For simplicity I'm considering only the sphere case.
In the Gauss' Law formulation we have some field $E$ introduced by charges $Q$ inside some sphere, then we compute flux and integrate, and we get result $Q/e_0$. Right.
But this formulation doesn't take into account any possible outer charges, because $E$ used in this law comes only from $Q$. I suppose that any outer field effects will cancel out, because flux coming from it must go through surfaces with opposite normals. But we didn't make any proof of that, as far as I have seen in Gauss' Law proofs.
So, when we measure electric field inside the sphere with uniformly distributed $Q$, we make some assumptions on uniformity of $E$ inside this sphere and we consider hollow Gauss' sphere with radius smaller than radius of the outer sphere. And then we use $E$ to compute total flux going through inner sphere and conclude that it must be zero. Right.
But why can we use this $E$? We don't know that there aren't any effects from outer charges fields. So why can we use Gauss' Law?
Best Answer
The electric field used in Gauss's law is not just the electric field from the interior charge distribution. It may contain contributions from exterior sources. Usually, we do assume that there are no exterior sources, which is what allows us to impose symmetry considerations.

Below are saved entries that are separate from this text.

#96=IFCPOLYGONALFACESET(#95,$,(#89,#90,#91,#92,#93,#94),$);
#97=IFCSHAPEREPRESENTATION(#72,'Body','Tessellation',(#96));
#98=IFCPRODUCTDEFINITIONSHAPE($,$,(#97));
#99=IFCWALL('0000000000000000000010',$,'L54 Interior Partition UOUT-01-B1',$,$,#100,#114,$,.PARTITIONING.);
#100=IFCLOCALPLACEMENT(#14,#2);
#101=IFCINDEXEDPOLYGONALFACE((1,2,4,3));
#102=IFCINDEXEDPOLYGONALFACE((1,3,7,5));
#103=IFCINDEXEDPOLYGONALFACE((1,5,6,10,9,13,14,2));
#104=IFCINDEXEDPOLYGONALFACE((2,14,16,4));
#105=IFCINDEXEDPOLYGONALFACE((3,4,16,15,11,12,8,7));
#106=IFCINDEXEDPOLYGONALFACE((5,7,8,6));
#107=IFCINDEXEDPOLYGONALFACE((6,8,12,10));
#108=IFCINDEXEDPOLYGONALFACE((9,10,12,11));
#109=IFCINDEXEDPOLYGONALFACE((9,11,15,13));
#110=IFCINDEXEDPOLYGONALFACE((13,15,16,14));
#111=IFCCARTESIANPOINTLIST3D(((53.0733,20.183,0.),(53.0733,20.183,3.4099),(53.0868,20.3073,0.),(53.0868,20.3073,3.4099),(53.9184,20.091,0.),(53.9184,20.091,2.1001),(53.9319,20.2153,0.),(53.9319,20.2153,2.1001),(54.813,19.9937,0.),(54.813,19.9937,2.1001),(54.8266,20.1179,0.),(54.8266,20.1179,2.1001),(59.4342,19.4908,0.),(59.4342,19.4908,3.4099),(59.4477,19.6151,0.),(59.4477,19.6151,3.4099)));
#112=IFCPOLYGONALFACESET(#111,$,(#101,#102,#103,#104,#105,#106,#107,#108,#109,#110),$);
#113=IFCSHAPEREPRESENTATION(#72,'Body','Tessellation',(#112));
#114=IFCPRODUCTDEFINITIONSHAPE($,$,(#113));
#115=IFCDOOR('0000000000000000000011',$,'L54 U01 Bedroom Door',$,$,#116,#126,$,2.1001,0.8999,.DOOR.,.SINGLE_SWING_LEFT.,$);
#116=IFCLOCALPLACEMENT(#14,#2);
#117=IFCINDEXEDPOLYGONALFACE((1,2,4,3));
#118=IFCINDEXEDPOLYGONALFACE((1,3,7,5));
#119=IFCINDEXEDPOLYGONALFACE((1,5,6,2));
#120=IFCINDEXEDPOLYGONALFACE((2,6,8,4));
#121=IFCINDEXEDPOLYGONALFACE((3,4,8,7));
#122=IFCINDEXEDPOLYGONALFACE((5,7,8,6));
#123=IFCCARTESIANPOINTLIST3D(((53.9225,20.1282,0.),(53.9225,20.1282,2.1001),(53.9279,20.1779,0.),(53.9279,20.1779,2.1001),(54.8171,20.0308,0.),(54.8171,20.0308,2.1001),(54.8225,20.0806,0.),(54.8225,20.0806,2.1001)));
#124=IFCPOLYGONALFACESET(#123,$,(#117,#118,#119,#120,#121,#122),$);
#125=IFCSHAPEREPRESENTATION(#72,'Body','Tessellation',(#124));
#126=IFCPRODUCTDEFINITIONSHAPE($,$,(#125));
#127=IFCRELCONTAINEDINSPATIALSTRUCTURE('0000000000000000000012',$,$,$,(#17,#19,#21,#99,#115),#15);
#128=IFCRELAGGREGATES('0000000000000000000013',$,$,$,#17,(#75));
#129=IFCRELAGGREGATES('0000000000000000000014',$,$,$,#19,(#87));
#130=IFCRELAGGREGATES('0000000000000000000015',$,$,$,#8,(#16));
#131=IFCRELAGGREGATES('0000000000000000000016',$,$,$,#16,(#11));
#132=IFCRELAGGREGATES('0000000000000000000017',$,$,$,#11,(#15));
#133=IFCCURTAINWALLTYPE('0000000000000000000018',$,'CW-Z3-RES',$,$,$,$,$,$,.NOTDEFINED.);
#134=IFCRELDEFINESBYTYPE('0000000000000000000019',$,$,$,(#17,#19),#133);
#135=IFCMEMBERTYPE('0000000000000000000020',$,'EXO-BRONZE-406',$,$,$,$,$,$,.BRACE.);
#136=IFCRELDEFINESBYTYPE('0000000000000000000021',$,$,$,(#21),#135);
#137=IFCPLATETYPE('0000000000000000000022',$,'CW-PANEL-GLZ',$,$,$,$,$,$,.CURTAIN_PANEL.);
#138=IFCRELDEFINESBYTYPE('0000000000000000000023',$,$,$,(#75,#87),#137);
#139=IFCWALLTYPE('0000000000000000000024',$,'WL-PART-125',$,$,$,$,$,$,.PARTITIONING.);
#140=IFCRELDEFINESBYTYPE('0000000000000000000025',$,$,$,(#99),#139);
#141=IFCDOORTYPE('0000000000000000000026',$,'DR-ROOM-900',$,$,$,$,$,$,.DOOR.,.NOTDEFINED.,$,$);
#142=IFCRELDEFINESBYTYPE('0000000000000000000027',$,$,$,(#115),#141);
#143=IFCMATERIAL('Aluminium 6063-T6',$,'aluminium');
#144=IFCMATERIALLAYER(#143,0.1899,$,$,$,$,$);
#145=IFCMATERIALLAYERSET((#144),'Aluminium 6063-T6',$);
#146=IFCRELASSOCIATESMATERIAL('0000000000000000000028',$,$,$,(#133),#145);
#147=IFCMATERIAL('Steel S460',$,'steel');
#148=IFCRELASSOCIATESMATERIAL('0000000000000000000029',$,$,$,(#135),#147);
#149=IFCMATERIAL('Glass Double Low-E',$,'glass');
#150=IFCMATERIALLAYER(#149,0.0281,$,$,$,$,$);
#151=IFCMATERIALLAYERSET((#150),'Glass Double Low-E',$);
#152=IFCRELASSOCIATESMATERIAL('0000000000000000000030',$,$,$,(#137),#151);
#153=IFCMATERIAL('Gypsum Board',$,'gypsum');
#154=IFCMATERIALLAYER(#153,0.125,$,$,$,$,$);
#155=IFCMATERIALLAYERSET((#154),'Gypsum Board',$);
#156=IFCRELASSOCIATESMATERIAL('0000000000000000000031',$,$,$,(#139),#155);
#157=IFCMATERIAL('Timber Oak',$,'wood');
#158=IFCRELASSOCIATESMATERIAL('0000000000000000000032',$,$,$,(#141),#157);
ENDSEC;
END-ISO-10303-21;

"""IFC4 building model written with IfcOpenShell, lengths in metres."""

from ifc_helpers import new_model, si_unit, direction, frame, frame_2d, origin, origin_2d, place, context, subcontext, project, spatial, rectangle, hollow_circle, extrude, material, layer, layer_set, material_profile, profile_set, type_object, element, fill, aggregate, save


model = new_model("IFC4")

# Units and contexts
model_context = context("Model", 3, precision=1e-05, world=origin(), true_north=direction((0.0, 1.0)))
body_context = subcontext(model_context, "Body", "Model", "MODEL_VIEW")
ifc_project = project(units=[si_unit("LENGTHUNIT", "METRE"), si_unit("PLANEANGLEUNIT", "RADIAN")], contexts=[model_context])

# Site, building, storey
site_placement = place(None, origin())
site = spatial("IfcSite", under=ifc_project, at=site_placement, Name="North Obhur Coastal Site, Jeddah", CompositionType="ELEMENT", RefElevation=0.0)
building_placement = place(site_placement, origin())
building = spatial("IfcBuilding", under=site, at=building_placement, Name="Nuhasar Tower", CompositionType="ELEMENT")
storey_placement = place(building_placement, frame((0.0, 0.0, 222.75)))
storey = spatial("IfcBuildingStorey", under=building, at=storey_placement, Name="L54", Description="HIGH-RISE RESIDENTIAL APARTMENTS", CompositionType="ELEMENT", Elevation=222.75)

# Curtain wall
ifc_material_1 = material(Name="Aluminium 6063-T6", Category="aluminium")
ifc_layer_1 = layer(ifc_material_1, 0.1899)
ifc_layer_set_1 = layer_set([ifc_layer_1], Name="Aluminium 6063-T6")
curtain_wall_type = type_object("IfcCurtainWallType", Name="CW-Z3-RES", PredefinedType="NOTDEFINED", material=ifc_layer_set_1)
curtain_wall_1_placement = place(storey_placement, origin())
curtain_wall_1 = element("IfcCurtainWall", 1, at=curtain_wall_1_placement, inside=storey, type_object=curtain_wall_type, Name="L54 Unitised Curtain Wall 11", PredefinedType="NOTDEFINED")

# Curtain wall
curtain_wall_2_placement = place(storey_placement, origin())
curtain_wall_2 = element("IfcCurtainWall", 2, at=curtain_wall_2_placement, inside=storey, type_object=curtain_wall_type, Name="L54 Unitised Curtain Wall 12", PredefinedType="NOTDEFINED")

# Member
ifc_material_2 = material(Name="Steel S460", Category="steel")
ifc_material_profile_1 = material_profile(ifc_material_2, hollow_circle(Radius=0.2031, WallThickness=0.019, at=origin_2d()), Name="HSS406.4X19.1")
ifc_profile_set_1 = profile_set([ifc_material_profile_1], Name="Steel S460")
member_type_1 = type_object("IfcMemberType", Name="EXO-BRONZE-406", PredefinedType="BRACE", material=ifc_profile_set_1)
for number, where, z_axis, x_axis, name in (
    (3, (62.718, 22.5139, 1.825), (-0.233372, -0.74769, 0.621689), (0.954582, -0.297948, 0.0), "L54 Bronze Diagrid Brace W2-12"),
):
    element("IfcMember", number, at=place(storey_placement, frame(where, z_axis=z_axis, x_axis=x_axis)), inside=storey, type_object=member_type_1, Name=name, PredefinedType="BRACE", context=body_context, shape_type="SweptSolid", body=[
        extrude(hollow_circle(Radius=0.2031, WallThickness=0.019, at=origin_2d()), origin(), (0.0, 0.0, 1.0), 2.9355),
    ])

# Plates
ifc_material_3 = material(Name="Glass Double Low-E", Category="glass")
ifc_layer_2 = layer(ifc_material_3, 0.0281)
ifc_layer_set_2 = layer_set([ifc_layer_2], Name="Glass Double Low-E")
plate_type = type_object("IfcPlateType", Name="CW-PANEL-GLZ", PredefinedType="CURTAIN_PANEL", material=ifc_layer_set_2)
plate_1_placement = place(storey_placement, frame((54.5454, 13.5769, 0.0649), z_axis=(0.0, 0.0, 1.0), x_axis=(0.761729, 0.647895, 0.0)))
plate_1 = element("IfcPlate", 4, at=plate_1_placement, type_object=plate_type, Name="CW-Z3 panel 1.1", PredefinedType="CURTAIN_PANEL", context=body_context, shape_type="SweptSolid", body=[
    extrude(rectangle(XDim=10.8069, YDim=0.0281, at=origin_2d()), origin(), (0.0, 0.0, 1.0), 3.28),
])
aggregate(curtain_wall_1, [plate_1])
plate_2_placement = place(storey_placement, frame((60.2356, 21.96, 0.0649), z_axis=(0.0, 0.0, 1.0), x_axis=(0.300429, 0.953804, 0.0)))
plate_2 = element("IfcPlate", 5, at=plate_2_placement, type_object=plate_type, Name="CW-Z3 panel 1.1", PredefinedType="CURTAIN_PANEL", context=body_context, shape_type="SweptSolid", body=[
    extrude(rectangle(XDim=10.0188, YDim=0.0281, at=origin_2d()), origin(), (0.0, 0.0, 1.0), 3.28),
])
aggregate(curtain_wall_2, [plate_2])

Why are we able to do this? Because Maxwell's equations are linear, and as such, the sum of two solutions to Maxwell's equations is itself a solution. Hence, you can consider the exterior and interior charge densities separately. You can calculate the fields separately and then add them up at the end.
Here's a mathematical way of looking at it. You have Gauss's law in integral form:
$$\int_V \frac{\rho}{\epsilon_0} \, dV = \oint_S E \cdot dS$$
Linearity of Maxwell's equations means that you can split up $\rho = \rho_\text{int} + \rho_{\text{ext}}$ and the same for $E$. The two parts must separately obey this equation. So that means we have
$$\begin{align*} \int_V \frac{\rho_\text{int}}{\epsilon_0} \, dV &= \oint_S E_\text{int} \cdot dS \\ \int_V \frac{\rho_\text{ext}}{\epsilon_0} \, dV &= \oint_S E_\text{ext} \cdot dS \end{align*}$$
But $\rho_{\text{ext}} = 0$ everywhere in $V$, so the second RHS integral must be zero.
When we do Gauss's law problems, we implicitly look at the $E_\text{int}$, the field generated by charges internal to the volume. Any external field and charges can be separated out in this way, so that the symmetry of the field generated by internal charges is still manifest, allowing us to compute the field magnitude thanks to that symmetry. It's true that, strictly speaking, we can't draw any conclusions about the total $E$-field without some information about exterior charges or fields, but by linearity, we know that our field from the internal charges will never be affected by such information.